Let them know the minimum code items should be required, to avoid any lawsuit if someone gets hurt.

Listen to the reasons they feel what they are doing is right, and decide from there if you support or do not support their decisions


----------



## cda (Jul 15, 2017)

Can you list your top five code items, you do not feel are being enforced ;;;;,,


----------



## ICE (Jul 15, 2017)

cda said:


> Why a temp and not full approval?
> 
> I am thinking write up the major code requirements you feel should be enforced.
> 
> ...


And then move to another town.....any other town.


----------



## mark handler (Jul 15, 2017)

Nostipendofficial said:


> My town building code official is allowing new restaurants to open in spaces previously with merc use group and no change of use. These spaces have not previously been restaurants, have added cook lines, and seating. No occupancy load has been established by him and increased hazards with cook equipment and fixed seating should call for the change of use. The building official is allowing these restaurants to open with a " temp CO" or a temp Merc, without approval from the fire official. What is best course of action ??


What kind of restaurant?
How big? More than 50 people? Less than 50?
Health Dept approval?


----------



## Nostipendofficial (Jul 16, 2017)

cda said:


> Can you list your top five code items, you do not feel are being enforced ;;;;,,


I googled  ... First, the property has never had fixed seating. Never been a restaurant. Increased hazards with cook line, so shouldn't the use be upgraded from a Merc to an assembly? 

Next, it's a pizza restaurant. With a pizza oven.  Originally, they were not going to even vent the oven. They installed a vent pipe, I questioned a type I oven. Seems building is allowing without. I haven't seen any approvals. 

As far as I know ,no occupancy load has been issued. But they are open and seating customers. 

There doesn't seem to be any major safety issue, but town ordinance states that zoning, building, fire Dept, and clerk need to sign off to issue a Merc. I know fire Dept has not so how can they be open?

Another Prob is this isn't only place this has happened.


----------



## cda (Jul 16, 2017)

Sounds like a meeting of the minds needs to take place, to resolve the approval issues.

Yes I have been there when higher ups approve without my blessing.
Not nice but they are higher ups, so I just document, for when something happens and it has.


For this restaurant how many sq ft of dining and kitchen ??


----------



## mark handler (Jul 16, 2017)

Without additional information you have not established a case.
Not all restaurants are an assembly use.
There is not a big difference in code requirements between a mercantile use and a business use.
How are you involved in this?
How big is the restaurant?
More than 50 occupants? Less than 50 occupants?


----------



## cda (Jul 16, 2017)

I think it is a matter of at least asking the fd for approval.

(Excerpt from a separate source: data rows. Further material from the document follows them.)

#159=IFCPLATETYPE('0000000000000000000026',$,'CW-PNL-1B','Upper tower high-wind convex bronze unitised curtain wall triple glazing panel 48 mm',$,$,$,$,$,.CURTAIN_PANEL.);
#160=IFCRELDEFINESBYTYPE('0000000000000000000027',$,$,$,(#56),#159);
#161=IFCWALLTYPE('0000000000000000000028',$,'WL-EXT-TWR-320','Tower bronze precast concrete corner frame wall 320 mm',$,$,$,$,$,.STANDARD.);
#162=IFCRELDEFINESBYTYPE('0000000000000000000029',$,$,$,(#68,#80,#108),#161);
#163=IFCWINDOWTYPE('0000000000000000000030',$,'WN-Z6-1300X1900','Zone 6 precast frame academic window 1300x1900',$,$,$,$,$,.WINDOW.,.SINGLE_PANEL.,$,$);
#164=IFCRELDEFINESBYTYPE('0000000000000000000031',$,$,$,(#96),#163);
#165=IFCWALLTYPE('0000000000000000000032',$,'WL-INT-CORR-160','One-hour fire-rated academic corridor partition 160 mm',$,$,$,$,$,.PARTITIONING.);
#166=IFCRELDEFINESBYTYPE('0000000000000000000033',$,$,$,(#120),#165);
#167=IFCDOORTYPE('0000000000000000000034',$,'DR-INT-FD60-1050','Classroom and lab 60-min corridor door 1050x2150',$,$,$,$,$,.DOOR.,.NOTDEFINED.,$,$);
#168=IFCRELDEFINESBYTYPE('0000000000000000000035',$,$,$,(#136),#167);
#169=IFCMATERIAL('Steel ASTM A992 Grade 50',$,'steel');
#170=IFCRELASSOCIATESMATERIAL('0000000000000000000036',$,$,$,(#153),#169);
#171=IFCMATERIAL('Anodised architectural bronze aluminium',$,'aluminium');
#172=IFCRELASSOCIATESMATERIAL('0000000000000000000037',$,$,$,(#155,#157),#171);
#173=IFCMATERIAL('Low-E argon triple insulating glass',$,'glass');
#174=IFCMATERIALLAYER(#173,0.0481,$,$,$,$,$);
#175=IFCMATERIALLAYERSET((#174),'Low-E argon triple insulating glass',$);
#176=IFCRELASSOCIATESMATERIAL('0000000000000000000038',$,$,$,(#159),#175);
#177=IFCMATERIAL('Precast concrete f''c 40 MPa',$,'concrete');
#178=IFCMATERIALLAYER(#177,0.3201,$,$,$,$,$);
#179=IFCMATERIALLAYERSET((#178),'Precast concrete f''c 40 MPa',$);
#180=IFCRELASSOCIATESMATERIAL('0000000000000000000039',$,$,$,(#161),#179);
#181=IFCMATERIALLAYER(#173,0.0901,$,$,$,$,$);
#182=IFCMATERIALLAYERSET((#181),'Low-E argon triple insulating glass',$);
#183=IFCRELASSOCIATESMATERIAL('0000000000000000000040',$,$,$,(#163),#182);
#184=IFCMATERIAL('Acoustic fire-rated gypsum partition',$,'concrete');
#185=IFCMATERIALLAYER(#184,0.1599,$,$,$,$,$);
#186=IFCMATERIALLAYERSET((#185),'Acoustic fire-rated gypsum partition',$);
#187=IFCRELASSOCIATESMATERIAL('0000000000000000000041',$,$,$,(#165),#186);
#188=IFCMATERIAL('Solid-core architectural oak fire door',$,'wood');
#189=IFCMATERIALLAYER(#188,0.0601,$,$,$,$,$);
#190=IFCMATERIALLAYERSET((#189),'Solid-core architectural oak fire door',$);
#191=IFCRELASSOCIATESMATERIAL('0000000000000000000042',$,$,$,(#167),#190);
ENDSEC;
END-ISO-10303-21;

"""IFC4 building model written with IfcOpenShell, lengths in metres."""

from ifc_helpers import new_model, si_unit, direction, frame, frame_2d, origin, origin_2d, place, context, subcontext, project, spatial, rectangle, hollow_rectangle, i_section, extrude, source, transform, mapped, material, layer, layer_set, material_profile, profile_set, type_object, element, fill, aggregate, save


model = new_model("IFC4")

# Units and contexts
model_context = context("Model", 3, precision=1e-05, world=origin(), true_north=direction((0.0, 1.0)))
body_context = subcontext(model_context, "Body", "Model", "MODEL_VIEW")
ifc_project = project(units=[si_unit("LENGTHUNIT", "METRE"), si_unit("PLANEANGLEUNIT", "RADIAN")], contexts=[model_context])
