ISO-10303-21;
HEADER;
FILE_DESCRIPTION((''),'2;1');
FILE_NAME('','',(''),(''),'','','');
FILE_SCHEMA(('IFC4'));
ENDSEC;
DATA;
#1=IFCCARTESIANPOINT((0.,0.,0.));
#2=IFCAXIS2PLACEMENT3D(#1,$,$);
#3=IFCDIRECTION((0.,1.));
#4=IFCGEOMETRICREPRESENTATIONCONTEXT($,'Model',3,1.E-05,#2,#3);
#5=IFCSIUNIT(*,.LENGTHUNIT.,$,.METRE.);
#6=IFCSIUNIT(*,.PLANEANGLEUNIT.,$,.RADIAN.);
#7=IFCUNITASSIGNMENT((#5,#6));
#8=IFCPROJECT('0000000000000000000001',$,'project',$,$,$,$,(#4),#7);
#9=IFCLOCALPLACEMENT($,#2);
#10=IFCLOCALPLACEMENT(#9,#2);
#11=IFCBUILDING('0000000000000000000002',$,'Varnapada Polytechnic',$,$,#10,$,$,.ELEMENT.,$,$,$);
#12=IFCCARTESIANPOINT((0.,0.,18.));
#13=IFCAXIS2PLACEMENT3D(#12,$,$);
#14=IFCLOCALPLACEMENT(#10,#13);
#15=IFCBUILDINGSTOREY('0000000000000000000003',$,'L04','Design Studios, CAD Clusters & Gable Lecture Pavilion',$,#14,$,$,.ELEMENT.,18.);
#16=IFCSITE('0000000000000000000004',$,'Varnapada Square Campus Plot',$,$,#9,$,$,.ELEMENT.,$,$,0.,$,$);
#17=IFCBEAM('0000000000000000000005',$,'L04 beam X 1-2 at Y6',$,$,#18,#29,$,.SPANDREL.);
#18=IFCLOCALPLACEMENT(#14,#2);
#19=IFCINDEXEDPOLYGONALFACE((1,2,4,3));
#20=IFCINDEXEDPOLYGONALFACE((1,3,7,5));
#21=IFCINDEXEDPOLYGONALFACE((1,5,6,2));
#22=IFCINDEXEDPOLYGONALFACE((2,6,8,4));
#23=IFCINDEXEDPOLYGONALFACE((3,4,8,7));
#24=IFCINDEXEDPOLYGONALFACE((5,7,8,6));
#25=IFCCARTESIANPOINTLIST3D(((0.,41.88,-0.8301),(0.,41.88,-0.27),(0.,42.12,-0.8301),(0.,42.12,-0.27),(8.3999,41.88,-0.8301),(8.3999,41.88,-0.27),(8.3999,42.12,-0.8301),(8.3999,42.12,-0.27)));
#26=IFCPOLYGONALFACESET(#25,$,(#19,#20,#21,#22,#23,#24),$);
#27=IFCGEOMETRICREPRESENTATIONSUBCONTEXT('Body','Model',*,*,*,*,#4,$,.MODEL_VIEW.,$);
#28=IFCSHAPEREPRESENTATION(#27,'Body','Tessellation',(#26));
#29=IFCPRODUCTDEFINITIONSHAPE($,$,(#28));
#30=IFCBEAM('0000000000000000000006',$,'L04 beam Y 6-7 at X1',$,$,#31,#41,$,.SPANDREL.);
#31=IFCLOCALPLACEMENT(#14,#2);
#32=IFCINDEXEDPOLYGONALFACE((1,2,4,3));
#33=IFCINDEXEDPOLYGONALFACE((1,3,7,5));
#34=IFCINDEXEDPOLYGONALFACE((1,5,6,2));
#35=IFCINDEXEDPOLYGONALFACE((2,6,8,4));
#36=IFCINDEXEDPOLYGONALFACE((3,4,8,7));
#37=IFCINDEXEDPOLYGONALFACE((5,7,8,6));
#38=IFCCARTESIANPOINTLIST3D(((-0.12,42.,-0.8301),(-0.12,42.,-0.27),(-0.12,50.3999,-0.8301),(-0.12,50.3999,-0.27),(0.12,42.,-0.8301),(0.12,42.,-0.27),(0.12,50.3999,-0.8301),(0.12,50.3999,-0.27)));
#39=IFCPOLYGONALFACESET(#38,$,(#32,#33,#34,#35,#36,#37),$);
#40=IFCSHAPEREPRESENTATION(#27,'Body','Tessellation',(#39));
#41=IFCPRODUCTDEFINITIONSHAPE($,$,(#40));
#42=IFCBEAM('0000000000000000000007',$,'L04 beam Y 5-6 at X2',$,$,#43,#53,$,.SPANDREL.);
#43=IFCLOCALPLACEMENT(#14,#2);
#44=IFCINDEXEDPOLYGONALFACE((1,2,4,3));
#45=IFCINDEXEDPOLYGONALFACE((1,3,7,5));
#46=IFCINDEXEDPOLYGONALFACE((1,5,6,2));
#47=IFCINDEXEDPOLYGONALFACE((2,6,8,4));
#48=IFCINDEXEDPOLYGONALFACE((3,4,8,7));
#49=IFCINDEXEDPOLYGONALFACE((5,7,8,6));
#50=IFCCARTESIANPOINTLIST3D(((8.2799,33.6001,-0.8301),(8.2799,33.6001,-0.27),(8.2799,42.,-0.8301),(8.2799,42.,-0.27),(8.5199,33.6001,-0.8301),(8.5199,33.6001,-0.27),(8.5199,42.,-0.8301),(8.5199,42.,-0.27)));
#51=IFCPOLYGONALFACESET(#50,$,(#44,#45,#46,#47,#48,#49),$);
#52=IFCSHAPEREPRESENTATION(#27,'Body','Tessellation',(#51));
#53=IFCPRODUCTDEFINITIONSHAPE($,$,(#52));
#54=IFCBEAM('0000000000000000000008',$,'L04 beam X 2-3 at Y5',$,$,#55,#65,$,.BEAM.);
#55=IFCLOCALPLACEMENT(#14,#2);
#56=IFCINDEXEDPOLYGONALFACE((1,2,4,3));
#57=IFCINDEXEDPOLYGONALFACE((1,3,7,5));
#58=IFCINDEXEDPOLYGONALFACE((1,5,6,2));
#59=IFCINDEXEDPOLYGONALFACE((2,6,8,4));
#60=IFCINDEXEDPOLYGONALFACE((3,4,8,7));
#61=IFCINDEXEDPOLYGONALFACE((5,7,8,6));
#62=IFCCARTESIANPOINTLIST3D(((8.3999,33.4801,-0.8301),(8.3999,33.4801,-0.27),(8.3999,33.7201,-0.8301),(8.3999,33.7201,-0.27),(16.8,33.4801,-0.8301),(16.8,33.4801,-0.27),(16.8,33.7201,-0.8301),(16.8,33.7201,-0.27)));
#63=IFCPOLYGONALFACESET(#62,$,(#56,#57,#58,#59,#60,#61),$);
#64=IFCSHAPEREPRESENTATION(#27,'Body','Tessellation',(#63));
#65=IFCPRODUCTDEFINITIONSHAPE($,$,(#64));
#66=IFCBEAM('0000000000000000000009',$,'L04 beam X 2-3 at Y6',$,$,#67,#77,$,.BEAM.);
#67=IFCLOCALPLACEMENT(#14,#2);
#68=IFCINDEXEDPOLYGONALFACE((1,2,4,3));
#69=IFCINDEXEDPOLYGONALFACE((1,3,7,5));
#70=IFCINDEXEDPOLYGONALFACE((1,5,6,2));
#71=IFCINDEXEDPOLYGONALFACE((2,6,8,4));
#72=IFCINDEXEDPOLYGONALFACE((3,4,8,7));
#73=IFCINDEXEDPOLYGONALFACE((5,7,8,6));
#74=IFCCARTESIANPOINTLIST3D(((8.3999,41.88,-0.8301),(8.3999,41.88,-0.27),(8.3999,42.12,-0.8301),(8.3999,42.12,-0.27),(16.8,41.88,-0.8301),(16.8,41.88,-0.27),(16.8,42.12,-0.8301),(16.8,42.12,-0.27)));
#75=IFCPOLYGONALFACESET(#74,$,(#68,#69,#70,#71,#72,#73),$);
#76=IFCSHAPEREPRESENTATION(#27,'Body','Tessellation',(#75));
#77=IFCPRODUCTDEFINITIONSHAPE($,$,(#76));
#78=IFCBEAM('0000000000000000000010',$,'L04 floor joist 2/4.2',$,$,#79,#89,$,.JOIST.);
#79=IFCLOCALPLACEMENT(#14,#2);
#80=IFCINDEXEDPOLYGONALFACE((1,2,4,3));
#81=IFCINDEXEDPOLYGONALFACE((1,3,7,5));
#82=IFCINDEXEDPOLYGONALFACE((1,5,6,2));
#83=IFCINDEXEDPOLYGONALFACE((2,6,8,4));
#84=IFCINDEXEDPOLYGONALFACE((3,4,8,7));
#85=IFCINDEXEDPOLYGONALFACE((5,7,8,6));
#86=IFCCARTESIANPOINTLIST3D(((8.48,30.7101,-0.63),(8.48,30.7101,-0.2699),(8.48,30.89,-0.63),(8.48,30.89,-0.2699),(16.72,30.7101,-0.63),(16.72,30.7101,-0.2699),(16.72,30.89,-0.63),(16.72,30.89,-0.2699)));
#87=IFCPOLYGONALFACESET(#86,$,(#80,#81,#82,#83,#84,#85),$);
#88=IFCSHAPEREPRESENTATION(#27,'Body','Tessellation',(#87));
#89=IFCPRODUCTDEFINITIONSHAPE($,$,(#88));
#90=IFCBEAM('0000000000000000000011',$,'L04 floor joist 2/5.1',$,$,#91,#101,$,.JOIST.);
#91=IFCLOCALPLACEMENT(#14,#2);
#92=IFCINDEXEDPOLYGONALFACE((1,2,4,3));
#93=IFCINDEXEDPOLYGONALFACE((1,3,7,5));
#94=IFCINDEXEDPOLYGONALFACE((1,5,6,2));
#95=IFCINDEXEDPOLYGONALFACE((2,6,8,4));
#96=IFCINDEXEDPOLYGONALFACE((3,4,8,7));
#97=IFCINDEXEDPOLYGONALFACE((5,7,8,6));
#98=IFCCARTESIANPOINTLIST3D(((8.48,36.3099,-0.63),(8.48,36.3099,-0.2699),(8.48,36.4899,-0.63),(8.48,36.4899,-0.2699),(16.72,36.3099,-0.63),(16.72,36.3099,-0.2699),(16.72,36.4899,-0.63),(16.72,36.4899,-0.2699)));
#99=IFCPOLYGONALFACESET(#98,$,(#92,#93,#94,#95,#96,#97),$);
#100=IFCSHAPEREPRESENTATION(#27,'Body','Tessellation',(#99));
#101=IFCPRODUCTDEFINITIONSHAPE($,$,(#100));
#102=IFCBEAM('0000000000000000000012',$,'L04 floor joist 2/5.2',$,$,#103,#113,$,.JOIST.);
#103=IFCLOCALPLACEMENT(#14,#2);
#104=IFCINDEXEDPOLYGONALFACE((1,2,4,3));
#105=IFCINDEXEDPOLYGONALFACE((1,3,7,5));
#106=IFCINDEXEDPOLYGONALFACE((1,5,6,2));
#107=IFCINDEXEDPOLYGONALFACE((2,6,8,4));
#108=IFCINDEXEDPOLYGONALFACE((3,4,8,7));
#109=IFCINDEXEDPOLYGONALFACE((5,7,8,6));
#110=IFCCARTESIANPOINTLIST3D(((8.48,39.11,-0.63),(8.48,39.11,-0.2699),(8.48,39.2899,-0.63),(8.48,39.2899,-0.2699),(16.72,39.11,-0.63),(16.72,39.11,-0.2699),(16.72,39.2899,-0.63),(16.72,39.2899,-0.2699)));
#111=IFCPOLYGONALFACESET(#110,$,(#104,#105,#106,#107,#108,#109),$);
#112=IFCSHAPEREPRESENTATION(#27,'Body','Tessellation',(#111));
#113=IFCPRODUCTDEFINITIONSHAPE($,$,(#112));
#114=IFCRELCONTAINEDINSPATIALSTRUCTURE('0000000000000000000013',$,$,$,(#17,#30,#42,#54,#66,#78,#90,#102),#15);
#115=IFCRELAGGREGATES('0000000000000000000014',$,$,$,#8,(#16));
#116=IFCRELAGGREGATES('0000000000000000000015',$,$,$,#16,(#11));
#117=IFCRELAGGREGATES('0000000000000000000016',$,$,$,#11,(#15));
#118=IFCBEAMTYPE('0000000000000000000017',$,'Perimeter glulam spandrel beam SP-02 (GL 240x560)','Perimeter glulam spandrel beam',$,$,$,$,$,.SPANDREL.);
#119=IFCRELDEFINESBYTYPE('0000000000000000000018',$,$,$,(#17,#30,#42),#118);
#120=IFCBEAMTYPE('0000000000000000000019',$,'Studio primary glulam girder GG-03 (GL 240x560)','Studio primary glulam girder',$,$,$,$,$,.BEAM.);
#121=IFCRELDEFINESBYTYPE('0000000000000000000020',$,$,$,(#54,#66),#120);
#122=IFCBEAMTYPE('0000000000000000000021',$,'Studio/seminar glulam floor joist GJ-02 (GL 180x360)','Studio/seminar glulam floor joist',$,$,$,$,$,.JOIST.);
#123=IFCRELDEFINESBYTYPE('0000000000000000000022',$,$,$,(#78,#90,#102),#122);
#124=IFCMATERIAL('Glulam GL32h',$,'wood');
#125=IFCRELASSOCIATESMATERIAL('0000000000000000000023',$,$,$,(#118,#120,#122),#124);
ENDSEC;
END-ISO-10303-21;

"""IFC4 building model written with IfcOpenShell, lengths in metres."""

from ifc_helpers import new_model, si_unit, direction, frame, origin, origin_2d, place, context, subcontext, project, spatial, rectangle, extrude, material, material_profile, profile_set, type_object, element, save


model = new_model("IFC4")

# Units and contexts
model_context = context("Model", 3, precision=1e-05, world=origin(), true_north=direction((0.0, 1.0)))
body_context = subcontext(model_context, "Body", "Model", "MODEL_VIEW")
ifc_project = project(units=[si_unit("LENGTHUNIT", "METRE"), si_unit("PLANEANGLEUNIT", "RADIAN")], contexts=[model_context])

# Site, building, storey
site_placement = place(None, origin())
site = spatial("IfcSite", under=ifc_project, at=site_placement, Name="Varnapada Square Campus Plot", CompositionType="ELEMENT", RefElevation=0.0)
building_placement = place(site_placement, origin())
building = spatial("IfcBuilding", under=site, at=building_placement, Name="Varnapada Polytechnic", CompositionType="ELEMENT")
storey_placement = place(building_placement, frame((0.0, 0.0, 18.0)))
storey = spatial("IfcBuildingStorey", under=building, at=storey_placement, Name="L04", Description="Design Studios, CAD Clusters & Gable Lecture Pavilion", CompositionType="ELEMENT", Elevation=18.0)

# Beams
ifc_material_1 = material(Name="Glulam GL32h", Category="wood")
ifc_material_profile_1 = material_profile(ifc_material_1, rectangle(XDim=0.24, YDim=0.5601, at=origin_2d()), Name="GL 240x560")
ifc_profile_set_1 = profile_set([ifc_material_profile_1], Name="Glulam GL32h")
beam_type_1 = type_object("IfcBeamType", Name="Perimeter glulam spandrel beam SP-02 (GL 240x560)", Description="Perimeter glulam spandrel beam", PredefinedType="SPANDREL", material=ifc_profile_set_1)
for number, where, z_axis, x_axis, name in (
    (1, (0.0, 42.0, -0.55), (1.0, 0.0, 0.0), (0.0, 1.0, 0.0), "L04 beam X 1-2 at Y6"),
    (2, (0.0, 42.0, -0.55), (0.0, 1.0, 0.0), (-1.0, 0.0, 0.0), "L04 beam Y 6-7 at X1"),
    (3, (8.3999, 33.6001, -0.55), (0.0, 1.0, 0.0), (-1.0, 0.0, 0.0), "L04 beam Y 5-6 at X2"),
):
    element("IfcBeam", number, at=place(storey_placement, frame(where, z_axis=z_axis, x_axis=x_axis)), inside=storey, type_object=beam_type_1, Name=name, PredefinedType="SPANDREL", context=body_context, shape_type="SweptSolid", body=[
        extrude(rectangle(XDim=0.24, YDim=0.5601, at=origin_2d()), origin(), (0.0, 0.0, 1.0), 8.3999),
    ])
ifc_material_profile_2 = material_profile(ifc_material_1, rectangle(XDim=0.24, YDim=0.5601, at=origin_2d()), Name="GL 240x560")
ifc_profile_set_2 = profile_set([ifc_material_profile_2], Name="Glulam GL32h")
beam_type_2 = type_object("IfcBeamType", Name="Studio primary glulam girder GG-03 (GL 240x560)", Description="Studio primary glulam girder", PredefinedType="BEAM", material=ifc_profile_set_2)
for number, where, z_axis, x_axis, name in (
    (4, (8.3999, 33.6001, -0.55), (1.0, 0.0, 0.0), (0.0, 1.0, 0.0), "L04 beam X 2-3 at Y5"),
    (5, (8.3999, 42.0, -0.55), (1.0, 0.0, 0.0), (0.0, 1.0, 0.0), "L04 beam X 2-3 at Y6"),
):
    element("IfcBeam", number, at=place(storey_placement, frame(where, z_axis=z_axis, x_axis=x_axis)), inside=storey, type_object=beam_type_2, Name=name, PredefinedType="BEAM", context=body_context, shape_type="SweptSolid", body=[
        extrude(rectangle(XDim=0.24, YDim=0.5601, at=origin_2d()), origin(), (0.0, 0.0, 1.0), 8.4001),
    ])
ifc_material_profile_3 = material_profile(ifc_material_1, rectangle(XDim=0.1799, YDim=0.3601, at=origin_2d()), Name="GL 180x360")
ifc_profile_set_3 = profile_set([ifc_material_profile_3], Name="Glulam GL32h")
beam_type_3 = type_object("IfcBeamType", Name="Studio/seminar glulam floor joist GJ-02 (GL 180x360)", Description="Studio/seminar glulam floor joist", PredefinedType="JOIST", material=ifc_profile_set_3)
for number, where, z_axis, x_axis, name in (
    (6, (8.48, 30.8, -0.45), (1.0, 0.0, 0.0), (0.0, 1.0, 0.0), "L04 floor joist 2/4.2"),
    (7, (8.48, 36.3999, -0.45), (1.0, 0.0, 0.0), (0.0, 1.0, 0.0), "L04 floor joist 2/5.1"),
    (8, (8.48, 39.2, -0.45), (1.0, 0.0, 0.0), (0.0, 1.0, 0.0), "L04 floor joist 2/5.2"),
):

"""There doesn't seem to be any major safety issue, but town ordinance states that zoning, building, fire Dept, and clerk need to sign off to issue a Merc.""


----------



## mark handler (Jul 16, 2017)

cda said:


> I think it is a matter of at least asking the fd for approval.
> """There doesn't seem to be any major safety issue, but town ordinance states that zoning, building, fire Dept, and clerk need to sign off to issue a Merc.""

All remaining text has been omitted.